Hey, that’s quite good! The numbers are not exact, but they are pretty close. Certainly close enough for a lot of use cases.

But, is it fast?

Sadly, no. Let’s start with count distinct alone:

select
    created_on as created_on,
    COUNT(distinct user_id) as n_active_sessions
from user_session
group by created_on;
 created_on | n_active_sessions
------------+-------------------
 2023-01-02 |            125438
 2023-01-03 |            249017
 2023-01-04 |            250564
 2023-01-05 |            250028
 2023-01-06 |            124927
 2023-01-07 |             12436
 2023-01-08 |             12564
(7 rows)

Time: 2253.115 ms (00:02.253)

A couple of seconds is going to be hard to beat. Our approximation takes significantly longer:

select
    created_on as created_on,
    approx_distinct_count(user_id::varchar) as n_approx_active_sessions
from user_session
group by created_on;
 created_on | n_approx_active_sessions
------------+--------------------------
 2023-01-03 |                   225077
 2023-01-02 |                   124336
 2023-01-06 |                   138046
 2023-01-04 |                   233943
 2023-01-07 |                    13204
 2023-01-08 |                    11179
 2023-01-05 |                   251278
(7 rows)

Time: 120344.232 ms (02:00.344)

Uff! That is painful to see. It’s two orders of magnitude slower. It will be pretty hard to make an argument to use a function that produces approximations slower than you can calculate the real figures.

Can we speed it up?

The first thing to notice is that the bucketing function needs to be applied sequentially to every row in our dataset. This means we cannot take advantage of parallelism. Fortunately, we can add another function called a combinefunc to our aggregate to enable parallel execution.

A combinefunc takes two distinct states, potentially produced by consuming independent sections of the sequence, and combines them into a single state. This enables Postgres to divide the sequence into any number of sections and to process each row in those sections concurrently. It then combine the results before calculating the final approximation.

create or replace function
bucket_combine(left_state bucketed_result[], right_state bucketed_result[])
returns bucketed_result[]
language sql immutable strict parallel safe as
$$
select array(
    select
        (
            COALESCE(left_state_table.bucket_num, right_state_table.bucket_num),
            GREATEST(left_state_table.bucket_hash, right_state_table.bucket_hash)
        )::bucketed_result
    from
        UNNEST(left_state) as left_state_table
    full outer join
        UNNEST(right_state) as right_state_table
        on left_state_table.bucket_num = right_state_table.bucket_num
)
$$;

Similar to the bucketing function, we unnest each state and perform a full outer join.

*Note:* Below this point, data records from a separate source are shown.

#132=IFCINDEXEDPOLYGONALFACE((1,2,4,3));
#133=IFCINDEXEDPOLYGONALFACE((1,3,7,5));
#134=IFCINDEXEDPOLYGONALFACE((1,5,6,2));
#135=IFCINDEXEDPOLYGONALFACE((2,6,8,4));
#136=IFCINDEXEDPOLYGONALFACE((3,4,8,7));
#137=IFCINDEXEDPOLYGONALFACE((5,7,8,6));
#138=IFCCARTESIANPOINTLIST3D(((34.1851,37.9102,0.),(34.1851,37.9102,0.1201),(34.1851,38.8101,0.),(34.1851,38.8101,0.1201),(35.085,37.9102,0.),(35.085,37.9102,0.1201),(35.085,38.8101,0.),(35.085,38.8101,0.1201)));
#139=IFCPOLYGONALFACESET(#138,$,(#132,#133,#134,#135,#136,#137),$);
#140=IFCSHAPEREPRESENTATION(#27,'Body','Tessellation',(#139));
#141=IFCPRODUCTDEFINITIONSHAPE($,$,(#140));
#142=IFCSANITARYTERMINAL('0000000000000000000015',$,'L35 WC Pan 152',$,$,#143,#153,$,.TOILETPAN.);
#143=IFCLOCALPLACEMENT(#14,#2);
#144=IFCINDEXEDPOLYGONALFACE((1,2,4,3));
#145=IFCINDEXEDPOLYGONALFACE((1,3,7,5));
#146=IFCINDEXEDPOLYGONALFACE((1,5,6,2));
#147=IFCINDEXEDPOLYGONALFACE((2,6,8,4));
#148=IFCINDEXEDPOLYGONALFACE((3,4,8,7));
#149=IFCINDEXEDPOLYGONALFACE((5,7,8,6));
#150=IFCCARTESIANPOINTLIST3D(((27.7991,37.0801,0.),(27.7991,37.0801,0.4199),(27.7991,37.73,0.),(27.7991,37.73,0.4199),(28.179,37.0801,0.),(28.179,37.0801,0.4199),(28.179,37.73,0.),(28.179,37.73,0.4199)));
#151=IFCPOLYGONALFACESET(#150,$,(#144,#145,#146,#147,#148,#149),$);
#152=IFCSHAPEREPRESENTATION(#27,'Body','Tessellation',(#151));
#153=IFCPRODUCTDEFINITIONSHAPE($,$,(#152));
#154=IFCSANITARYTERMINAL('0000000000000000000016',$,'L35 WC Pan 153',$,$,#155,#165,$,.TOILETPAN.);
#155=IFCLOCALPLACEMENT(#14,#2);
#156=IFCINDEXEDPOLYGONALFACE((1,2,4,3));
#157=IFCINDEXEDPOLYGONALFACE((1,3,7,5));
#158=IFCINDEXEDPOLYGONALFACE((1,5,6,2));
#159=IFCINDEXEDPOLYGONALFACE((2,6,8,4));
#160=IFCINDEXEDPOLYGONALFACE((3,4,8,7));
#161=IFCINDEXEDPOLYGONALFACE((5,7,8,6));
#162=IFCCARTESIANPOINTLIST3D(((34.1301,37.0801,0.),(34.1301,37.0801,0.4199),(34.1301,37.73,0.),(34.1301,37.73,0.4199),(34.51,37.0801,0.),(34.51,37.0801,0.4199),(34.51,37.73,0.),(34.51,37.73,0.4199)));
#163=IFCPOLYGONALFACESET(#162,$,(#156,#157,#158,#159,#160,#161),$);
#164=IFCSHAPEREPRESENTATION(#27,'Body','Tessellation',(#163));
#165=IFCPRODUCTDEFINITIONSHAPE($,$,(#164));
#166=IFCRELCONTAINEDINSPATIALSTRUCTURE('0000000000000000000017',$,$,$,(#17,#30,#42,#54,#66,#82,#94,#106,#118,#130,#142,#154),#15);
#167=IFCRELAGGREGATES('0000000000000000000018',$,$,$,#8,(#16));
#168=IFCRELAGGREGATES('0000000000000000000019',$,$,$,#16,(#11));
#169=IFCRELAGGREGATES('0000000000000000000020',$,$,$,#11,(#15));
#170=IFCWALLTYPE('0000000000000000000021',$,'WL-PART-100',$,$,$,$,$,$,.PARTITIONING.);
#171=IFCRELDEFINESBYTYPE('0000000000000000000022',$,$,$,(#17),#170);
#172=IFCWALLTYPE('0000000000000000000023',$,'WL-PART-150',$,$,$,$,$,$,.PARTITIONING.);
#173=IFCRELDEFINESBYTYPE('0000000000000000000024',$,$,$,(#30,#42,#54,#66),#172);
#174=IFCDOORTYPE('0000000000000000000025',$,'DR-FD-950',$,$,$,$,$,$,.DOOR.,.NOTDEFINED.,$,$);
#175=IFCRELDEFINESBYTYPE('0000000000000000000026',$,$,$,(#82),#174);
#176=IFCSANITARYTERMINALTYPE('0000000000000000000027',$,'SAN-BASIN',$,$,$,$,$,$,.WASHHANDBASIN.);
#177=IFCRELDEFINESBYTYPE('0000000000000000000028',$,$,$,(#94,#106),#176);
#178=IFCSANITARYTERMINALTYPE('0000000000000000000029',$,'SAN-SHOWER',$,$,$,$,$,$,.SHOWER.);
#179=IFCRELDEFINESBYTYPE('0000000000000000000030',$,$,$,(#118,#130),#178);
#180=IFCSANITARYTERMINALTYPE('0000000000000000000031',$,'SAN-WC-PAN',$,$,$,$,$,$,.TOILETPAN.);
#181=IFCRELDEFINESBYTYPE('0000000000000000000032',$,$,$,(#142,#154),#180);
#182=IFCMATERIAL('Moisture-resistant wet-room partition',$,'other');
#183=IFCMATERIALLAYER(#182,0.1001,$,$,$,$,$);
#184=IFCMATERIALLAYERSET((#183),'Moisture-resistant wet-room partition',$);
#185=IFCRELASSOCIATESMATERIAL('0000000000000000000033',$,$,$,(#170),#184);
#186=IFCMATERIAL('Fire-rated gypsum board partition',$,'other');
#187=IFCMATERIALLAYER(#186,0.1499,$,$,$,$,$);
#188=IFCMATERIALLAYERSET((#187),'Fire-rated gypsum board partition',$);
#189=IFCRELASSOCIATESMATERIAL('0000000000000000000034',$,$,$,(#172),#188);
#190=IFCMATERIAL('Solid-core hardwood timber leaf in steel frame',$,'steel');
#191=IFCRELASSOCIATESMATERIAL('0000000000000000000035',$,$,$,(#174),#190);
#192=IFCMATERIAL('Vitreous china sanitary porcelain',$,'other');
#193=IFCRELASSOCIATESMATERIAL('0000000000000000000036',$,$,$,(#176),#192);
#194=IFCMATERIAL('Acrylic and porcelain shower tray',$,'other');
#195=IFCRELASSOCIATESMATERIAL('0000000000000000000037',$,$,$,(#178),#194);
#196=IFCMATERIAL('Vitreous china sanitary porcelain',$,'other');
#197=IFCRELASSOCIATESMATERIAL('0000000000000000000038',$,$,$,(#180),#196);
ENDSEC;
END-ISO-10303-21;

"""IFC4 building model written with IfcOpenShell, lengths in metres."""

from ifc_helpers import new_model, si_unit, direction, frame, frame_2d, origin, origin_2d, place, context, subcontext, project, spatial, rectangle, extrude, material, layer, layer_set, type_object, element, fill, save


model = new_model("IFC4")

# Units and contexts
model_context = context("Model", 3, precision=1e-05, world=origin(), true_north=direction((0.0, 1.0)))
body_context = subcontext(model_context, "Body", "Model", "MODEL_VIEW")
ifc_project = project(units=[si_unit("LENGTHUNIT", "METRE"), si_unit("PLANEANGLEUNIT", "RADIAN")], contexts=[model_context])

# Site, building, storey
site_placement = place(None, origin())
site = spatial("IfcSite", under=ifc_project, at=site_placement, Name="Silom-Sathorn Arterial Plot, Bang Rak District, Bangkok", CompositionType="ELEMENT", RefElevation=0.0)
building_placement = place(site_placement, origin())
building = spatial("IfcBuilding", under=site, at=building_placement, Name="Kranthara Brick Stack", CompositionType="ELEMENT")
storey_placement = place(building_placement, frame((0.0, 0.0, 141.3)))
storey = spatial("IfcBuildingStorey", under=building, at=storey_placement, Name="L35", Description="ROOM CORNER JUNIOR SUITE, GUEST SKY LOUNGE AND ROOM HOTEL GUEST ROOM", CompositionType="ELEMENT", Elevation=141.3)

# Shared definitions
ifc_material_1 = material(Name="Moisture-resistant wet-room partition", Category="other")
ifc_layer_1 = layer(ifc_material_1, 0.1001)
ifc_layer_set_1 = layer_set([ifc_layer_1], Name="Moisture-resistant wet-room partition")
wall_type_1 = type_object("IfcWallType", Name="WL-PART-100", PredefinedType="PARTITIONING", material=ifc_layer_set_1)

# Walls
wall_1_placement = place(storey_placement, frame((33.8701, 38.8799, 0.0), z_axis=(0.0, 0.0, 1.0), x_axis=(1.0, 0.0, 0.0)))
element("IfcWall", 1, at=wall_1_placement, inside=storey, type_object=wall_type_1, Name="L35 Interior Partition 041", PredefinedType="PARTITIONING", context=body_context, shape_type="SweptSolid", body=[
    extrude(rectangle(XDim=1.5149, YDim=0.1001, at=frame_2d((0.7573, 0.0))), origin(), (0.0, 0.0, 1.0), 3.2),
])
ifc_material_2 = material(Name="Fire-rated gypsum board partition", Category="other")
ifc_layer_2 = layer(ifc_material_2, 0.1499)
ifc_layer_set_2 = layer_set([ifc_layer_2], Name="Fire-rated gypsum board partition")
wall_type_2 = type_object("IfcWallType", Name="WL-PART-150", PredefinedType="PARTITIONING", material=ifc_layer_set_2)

This time, however, we ensure that we keep any bucket_num in either the left or the right state alongside the longest observed bucket_hash for each bucket.

We can add it to the aggregate with:

create or replace aggregate
approx_distinct_count(varchar) (
    SFUNC = bucket,
    STYPE = bucketed_result[],
    FINALFUNC = hll,
    COMBINEFUNC = bucket_combine,
    INITCOND = '{}',
    PARALLEL = safe
);

Even if the method is not very fast, this should perform faster because Postgres can make use of more than one core of the machine at a time. So, how much does this speed our query up?

select
    created_on as created_on,
    approx_distinct_count(user_id::varchar) as n_approx_active_sessions
from user_session
group by created_on;
 created_on | n_approx_active_sessions
------------+--------------------------
 2023-01-02 |                   124336
 2023-01-03 |                   225077
 2023-01-04 |                   233943
 2023-01-05 |                   251278
 2023-01-06 |                   138046
 2023-01-07 |                    13204
 2023-01-08 |                    11179
(7 rows)

Time: 42966.308 ms (00:42.966)

Well, we have gone from a horrific 120 seconds to 40, which is an improvement. The truth is, however, we are far from the promise of a fast approximation.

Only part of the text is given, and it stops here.